Dikes Lotim Waspada Lonjakan Kasus DBD pada Musim Hujan

Kadikes Lotim, dr M Hasby Santoso saat ditemui beberapa waktu lalu di Kantor Bupati Lotim, di Selong, Sabtu (26/12/2020). (Inside Lombok/M.Deni Zarwandi).

Lombok Timur (Inside Lombok) – Dinas Kesehatan Lotim waspada lonjakan kasus Demam Berdarah Dengue (DBD), terlebih saat memasuki musim penghujan. Dinas Kesehatan Lotim tingkatkan kordinasi dengan penanganan kasus dengan puskesmas, guna antisipasi lonjakan kasus DBD.

Kepala Dikes Lotim, dr M Hasbi Santoso mengatakan, kasus DBD biasanya mulai meningkat pada minggu kedua dan ketiga bulan Januari hingga bulan Maret mendatang.
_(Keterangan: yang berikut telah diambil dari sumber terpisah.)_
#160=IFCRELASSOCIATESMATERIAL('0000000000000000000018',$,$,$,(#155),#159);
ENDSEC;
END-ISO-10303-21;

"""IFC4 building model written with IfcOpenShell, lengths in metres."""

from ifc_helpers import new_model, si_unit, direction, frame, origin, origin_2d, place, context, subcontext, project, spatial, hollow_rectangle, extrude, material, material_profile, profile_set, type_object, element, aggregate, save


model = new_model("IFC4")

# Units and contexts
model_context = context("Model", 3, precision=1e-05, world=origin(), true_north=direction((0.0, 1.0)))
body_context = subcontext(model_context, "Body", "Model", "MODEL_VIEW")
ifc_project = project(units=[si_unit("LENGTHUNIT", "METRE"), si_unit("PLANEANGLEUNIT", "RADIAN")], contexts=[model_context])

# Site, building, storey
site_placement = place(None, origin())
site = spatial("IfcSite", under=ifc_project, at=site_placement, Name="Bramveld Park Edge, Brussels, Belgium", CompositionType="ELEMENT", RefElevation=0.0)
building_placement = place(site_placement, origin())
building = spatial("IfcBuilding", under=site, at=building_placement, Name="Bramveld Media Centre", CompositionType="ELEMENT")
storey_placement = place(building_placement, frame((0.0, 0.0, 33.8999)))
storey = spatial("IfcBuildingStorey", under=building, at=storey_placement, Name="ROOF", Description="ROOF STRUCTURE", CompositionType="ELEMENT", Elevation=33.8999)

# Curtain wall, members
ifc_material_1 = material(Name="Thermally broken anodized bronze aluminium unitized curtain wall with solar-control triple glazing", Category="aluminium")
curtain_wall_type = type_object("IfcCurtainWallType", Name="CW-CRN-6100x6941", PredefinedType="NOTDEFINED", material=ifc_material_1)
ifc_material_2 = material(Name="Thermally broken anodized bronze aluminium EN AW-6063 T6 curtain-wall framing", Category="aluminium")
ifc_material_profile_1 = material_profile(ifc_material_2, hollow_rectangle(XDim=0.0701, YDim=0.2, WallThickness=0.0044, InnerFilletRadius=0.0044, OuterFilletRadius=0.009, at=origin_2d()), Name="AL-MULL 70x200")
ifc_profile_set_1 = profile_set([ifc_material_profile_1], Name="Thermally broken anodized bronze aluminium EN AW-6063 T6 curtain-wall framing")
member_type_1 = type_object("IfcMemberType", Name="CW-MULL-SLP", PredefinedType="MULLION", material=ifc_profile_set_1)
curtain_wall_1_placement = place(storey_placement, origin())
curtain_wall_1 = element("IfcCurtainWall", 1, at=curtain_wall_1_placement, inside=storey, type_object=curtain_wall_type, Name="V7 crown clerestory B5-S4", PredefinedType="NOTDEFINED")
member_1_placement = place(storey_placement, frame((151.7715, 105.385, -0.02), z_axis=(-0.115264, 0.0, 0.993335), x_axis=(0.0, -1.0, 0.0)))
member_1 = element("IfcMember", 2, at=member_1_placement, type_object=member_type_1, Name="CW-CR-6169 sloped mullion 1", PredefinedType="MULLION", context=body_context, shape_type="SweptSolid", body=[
Sehingga, lonjakan kasus tersebut menjadi kewaspadaan bagi semua pihak.

“Tetapi kita sudah bersurat kepada semua puskesmas yang ada di Lotim, untuk waspada DBD,”ujarnya.

Kasus DBD di Lotim pada tahun 2019 lalu sempat mengalami lonjakan kasus hingga 100 orang lebih, sehingga pihaknya sudah melakukan persiapan penangan agar lonjakan kasus DBD tidak terulang lagi pada tahun 2021 mendatang.

“Kita sangat waspada agar lonjakan tahun 2019 tidak terjadi lagi sekarang,” katanya.

Adapun dari laporan mingguan online yang diterima pihaknya dari puskesmas yang ada di Lotim, kasus DBD saat ini belum mengalami lonjakan yang begitu signifikan.

“Untuk jumlah kasusnya mohon maaf saya tidak tahu persis detailnya,” imbuhnya.

Ia berharap kepada masyarakat untuk tetap waspada dan mengantisipasi kasus DBD, agar kasus tersebut tidak terjadi lagi dan mengalami lonjakan. Masyarakat diminta untuk tetap menjaga kebersihan lingkungan.